Editor: Sun Huh, Hallym University, Korea

• Received: 11 June 2024   • Accepted: 27 June 2024
  • 294 Views
  • 67 Download
  • 0 Crossref
  • 0 Scopus

Purpose
This study aimed to evaluate the performance of Chat Generative Pre-Trained Transformer (ChatGPT) with respect to standardized urology multiple-choice items in the United States.
Methods
In total, 700 multiple-choice urology board exam-style items were submitted to GPT-3.5 and GPT-4, and responses were recorded. Items were categorized based on topic and question complexity (recall, interpretation, and problem-solving).

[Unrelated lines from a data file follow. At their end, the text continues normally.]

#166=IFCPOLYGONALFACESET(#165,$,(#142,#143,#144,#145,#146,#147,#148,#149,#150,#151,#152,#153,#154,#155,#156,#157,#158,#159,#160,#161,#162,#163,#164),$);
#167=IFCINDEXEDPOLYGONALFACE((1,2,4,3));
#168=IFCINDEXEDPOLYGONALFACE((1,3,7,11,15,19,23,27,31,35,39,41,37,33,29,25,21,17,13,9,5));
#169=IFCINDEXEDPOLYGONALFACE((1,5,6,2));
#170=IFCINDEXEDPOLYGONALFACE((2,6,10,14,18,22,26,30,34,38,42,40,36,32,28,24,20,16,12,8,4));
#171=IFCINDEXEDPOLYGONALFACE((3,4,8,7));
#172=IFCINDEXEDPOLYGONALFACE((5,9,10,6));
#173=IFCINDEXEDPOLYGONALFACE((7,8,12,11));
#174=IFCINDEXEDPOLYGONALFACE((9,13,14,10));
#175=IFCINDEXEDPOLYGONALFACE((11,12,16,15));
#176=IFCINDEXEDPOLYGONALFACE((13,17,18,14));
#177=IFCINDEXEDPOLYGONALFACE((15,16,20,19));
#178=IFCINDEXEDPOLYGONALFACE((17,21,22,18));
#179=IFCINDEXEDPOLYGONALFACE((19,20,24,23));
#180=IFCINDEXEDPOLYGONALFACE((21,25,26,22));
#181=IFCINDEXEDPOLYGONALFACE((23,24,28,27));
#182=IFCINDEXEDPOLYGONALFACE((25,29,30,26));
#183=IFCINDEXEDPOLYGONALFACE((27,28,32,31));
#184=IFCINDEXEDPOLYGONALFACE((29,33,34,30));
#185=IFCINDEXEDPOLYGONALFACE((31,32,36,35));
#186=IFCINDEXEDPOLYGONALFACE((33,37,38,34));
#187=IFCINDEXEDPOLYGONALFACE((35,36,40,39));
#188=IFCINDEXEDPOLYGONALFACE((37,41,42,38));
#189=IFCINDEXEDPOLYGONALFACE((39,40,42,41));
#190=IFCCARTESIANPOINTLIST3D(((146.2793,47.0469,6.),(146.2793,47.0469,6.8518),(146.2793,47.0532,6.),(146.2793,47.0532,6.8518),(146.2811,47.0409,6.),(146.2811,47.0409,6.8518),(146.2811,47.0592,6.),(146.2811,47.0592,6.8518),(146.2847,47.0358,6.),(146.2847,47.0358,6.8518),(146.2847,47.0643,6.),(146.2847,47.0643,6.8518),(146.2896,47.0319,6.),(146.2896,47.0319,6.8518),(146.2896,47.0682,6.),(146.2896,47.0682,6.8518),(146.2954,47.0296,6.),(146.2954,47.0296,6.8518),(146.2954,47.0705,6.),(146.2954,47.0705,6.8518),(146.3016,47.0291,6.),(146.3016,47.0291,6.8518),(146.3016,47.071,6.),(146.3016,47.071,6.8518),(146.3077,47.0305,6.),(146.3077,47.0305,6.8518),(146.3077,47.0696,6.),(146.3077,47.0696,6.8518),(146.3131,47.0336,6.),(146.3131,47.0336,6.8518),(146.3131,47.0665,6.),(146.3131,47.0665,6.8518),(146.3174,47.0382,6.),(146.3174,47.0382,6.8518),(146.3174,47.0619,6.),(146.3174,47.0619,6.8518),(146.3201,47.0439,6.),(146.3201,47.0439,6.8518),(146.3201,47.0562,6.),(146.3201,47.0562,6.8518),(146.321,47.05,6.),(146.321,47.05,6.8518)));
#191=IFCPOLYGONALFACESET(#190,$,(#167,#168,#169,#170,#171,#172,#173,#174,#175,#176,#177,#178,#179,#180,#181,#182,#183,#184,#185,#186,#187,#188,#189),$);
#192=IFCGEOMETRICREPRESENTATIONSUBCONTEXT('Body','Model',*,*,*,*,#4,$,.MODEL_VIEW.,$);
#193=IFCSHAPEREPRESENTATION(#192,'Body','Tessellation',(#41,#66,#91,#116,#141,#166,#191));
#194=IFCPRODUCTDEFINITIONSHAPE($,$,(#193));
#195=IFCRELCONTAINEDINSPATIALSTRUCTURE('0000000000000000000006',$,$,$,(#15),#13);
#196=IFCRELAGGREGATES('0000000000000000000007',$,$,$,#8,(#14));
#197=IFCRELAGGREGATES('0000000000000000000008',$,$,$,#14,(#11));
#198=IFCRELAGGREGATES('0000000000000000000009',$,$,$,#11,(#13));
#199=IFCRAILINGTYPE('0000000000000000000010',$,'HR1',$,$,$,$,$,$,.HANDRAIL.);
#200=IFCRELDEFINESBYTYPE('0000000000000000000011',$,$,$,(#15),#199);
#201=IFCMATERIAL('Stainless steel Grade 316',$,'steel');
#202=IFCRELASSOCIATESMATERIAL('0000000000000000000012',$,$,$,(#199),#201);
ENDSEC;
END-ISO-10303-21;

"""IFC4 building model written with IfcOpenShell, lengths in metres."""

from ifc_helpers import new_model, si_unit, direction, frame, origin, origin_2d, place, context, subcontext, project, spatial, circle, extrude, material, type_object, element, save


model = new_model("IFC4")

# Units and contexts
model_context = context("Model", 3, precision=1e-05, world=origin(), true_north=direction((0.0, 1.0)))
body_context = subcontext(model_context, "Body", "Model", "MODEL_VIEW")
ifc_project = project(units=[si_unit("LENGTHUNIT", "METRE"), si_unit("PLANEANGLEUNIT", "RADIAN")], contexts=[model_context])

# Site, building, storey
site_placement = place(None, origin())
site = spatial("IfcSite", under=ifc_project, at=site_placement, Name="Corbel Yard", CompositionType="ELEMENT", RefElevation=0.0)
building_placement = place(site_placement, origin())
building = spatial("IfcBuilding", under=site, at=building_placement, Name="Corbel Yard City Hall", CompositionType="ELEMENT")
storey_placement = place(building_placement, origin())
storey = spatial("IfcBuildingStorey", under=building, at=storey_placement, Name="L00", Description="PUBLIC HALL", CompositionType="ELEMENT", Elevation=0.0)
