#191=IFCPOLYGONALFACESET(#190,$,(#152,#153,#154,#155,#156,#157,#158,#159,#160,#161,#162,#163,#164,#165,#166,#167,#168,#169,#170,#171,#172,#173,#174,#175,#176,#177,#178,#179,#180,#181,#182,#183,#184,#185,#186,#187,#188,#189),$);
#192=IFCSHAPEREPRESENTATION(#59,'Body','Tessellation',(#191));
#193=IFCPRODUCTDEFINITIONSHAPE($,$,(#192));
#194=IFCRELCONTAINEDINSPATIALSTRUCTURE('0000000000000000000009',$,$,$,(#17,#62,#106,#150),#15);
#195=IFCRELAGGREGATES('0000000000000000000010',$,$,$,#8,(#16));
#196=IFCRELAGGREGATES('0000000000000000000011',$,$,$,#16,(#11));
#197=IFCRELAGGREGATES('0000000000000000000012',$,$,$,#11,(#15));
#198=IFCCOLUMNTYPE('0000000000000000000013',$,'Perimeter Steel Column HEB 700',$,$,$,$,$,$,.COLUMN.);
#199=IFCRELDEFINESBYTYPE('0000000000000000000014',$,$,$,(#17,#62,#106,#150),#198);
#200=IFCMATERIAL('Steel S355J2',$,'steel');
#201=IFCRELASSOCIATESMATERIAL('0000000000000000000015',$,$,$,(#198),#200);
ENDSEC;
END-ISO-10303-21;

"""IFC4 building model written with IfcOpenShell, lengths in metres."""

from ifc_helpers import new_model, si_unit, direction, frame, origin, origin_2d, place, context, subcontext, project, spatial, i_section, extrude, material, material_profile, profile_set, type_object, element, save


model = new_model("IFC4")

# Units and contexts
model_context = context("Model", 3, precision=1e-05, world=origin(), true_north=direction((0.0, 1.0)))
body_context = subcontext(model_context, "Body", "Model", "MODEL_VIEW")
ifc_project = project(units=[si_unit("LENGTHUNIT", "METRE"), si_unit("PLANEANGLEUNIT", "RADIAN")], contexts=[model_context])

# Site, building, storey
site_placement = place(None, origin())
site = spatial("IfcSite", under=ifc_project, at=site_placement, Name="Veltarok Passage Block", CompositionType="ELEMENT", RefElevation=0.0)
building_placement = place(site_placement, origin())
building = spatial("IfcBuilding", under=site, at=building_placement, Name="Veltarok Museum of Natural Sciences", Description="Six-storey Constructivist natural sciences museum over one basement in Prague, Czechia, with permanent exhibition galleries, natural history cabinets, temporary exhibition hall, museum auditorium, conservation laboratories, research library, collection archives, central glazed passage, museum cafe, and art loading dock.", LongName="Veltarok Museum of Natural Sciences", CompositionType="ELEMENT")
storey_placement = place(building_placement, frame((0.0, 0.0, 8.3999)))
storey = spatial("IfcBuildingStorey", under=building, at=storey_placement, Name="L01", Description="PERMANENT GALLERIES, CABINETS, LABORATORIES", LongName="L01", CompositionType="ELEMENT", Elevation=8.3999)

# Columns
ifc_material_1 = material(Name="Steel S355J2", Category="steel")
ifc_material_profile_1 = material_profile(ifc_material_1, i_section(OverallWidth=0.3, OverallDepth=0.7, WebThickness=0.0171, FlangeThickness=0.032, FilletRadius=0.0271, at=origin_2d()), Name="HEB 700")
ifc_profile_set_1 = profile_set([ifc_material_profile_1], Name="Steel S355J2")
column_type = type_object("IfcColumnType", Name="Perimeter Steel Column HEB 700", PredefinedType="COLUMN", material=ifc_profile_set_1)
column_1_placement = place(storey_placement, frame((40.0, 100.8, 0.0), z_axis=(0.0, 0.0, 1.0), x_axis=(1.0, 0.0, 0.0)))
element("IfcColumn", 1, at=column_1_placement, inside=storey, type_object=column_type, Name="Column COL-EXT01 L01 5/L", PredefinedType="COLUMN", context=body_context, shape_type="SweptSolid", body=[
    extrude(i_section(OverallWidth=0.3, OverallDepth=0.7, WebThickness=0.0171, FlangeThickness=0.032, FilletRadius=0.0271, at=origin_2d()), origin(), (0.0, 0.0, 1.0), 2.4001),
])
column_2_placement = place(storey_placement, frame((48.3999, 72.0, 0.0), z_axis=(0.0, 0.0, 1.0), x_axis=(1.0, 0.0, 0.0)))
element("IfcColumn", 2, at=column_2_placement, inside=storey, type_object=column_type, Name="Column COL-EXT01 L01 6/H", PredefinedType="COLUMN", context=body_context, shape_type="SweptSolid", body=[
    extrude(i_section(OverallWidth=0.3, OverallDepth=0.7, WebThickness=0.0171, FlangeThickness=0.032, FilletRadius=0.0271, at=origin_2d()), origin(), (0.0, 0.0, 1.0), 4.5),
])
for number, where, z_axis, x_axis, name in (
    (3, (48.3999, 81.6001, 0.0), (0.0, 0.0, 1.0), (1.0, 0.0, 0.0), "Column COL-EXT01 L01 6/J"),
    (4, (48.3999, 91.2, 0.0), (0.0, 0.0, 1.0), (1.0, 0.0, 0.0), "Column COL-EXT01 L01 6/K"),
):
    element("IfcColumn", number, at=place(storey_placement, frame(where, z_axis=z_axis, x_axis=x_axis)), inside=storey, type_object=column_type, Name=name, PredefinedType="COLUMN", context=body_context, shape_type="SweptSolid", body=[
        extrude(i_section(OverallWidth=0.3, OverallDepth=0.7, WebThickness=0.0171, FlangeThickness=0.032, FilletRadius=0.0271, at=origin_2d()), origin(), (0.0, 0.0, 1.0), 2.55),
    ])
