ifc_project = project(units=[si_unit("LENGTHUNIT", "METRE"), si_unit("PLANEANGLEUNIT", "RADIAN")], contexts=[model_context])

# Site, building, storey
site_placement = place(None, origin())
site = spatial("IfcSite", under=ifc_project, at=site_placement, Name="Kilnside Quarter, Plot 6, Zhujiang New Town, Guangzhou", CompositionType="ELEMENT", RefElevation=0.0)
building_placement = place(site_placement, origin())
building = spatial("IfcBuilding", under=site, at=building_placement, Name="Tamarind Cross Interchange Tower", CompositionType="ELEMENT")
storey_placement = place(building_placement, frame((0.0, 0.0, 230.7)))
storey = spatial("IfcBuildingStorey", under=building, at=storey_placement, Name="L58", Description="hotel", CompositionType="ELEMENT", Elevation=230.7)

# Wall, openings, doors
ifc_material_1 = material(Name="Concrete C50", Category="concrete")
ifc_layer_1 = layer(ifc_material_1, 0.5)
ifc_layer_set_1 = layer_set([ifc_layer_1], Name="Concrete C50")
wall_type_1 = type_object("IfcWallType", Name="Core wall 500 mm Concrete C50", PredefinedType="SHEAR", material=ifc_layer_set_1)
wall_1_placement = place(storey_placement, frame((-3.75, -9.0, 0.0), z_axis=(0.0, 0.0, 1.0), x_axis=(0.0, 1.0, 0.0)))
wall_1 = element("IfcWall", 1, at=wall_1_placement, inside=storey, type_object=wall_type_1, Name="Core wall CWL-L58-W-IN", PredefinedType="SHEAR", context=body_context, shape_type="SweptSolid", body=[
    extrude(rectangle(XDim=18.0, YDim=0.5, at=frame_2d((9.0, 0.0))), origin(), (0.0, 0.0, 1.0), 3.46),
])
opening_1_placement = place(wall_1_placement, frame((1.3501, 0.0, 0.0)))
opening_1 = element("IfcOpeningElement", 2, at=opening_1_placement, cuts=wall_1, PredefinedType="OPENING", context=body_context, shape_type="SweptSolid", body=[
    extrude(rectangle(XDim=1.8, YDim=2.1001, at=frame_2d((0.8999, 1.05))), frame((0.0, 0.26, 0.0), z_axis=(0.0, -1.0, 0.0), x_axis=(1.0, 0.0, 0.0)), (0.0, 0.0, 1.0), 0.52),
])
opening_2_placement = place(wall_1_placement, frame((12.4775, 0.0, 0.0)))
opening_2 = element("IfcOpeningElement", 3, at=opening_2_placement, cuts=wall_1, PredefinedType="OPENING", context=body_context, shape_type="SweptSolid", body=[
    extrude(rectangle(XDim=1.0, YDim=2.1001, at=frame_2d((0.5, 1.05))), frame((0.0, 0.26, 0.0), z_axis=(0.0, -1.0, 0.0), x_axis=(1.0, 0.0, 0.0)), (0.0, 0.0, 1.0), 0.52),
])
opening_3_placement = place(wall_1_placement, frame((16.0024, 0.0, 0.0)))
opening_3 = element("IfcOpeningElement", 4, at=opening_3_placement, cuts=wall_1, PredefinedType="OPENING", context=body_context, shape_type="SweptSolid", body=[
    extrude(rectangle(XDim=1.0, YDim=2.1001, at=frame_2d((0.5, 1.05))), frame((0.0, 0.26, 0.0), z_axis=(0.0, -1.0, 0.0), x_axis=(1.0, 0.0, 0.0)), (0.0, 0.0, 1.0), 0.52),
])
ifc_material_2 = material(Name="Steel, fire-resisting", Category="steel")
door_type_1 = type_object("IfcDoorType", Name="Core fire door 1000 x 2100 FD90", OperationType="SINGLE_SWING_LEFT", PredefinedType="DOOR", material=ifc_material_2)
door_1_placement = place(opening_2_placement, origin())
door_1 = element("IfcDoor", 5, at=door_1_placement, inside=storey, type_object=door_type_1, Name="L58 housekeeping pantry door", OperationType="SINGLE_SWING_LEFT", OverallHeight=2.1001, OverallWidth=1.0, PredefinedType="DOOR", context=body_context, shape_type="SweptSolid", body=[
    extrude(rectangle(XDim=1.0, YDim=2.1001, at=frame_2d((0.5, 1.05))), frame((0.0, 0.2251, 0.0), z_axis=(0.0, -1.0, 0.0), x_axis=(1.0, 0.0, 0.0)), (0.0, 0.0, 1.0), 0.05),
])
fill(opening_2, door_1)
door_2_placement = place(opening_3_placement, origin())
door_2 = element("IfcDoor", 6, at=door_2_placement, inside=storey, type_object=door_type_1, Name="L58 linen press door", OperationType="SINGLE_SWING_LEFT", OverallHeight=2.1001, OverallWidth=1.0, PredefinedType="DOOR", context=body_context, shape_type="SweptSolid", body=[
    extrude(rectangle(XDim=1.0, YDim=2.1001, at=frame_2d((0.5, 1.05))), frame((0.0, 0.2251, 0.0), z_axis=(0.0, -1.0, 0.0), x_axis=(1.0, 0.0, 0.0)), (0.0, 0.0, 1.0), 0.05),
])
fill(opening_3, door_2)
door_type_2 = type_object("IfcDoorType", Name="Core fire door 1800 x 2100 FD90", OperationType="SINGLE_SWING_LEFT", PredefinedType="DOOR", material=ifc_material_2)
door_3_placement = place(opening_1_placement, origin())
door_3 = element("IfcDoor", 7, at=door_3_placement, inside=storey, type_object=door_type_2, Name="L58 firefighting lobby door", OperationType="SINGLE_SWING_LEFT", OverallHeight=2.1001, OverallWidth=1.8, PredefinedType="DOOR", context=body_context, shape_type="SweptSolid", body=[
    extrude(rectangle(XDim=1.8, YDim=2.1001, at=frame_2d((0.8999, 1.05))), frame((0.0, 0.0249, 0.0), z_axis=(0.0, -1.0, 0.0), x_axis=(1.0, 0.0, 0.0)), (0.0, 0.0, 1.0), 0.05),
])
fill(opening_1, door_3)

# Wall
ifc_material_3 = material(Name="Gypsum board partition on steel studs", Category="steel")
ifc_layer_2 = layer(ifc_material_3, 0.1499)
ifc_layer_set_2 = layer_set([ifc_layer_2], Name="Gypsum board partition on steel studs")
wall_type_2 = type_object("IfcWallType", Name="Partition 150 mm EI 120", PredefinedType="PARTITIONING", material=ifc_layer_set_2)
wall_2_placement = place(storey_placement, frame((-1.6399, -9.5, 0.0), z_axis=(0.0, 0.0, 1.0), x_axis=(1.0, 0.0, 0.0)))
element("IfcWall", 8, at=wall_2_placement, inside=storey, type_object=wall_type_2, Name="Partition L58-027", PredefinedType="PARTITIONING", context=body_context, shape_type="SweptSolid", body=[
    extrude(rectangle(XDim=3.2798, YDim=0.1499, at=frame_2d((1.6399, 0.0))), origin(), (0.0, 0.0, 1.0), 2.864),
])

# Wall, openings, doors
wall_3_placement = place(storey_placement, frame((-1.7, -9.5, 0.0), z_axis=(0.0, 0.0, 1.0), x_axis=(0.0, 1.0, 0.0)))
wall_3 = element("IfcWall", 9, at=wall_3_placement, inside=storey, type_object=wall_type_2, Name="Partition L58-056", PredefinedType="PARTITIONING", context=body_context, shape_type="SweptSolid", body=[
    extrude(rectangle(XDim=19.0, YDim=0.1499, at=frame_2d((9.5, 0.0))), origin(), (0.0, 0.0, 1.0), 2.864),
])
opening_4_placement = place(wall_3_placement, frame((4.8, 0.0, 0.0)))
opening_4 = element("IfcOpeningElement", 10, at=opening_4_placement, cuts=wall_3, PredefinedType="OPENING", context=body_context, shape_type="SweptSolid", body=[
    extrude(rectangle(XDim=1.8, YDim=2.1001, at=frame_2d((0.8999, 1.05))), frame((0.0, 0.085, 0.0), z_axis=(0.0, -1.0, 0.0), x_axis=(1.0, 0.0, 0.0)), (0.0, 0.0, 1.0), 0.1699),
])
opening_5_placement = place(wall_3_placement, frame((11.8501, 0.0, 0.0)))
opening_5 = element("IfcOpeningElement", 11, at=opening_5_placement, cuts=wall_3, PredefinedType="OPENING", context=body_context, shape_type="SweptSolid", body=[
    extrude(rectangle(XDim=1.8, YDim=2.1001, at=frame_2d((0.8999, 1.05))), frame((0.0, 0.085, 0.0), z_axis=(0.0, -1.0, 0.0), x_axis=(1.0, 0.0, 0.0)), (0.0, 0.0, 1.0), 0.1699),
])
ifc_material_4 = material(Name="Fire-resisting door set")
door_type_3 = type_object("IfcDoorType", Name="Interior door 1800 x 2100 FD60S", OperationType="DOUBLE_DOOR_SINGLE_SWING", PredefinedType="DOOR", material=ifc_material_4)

The accuracy of GPT-3.5 and GPT-4 was compared across item types in February 2024.
Results
GPT-4 answered 44.4% of items correctly compared to 30.9% for GPT-3.5 (P>0.0001). GPT-4 (vs. GPT-3.5) had higher accuracy with urologic oncology (43.8% vs. 33.9%, P=0.03), sexual medicine (44.3% vs. 27.8%, P=0.046), and pediatric urology (47.1% vs. 27.1%, P=0.012) items. Endourology (38.0% vs. 25.7%, P=0.15), reconstruction and trauma (29.0% vs. 21.0%, P=0.41), and neurourology (49.0% vs. 33.3%, P=0.11) items did not show significant differences in performance across versions. GPT-4 also outperformed GPT-3.5 with respect to recall (45.9% vs. 27.4%, P<0.00001), interpretation (45.6% vs. 31.5%, P=0.0005), and problem-solving (41.8% vs. 34.5%, P=0.56) type items. This difference was not significant for the higher-complexity items.
Conclusions
ChatGPT performs relatively poorly on standardized multiple-choice urology board exam-style items, with GPT-4 outperforming GPT-3.5. The accuracy was below the proposed minimum passing standards for the American Board of Urology’s Continuing Urologic Certification knowledge reinforcement activity (60%). As artificial intelligence progresses in complexity, ChatGPT may become more capable and accurate with respect to board examination items. For now, its responses should be scrutinized.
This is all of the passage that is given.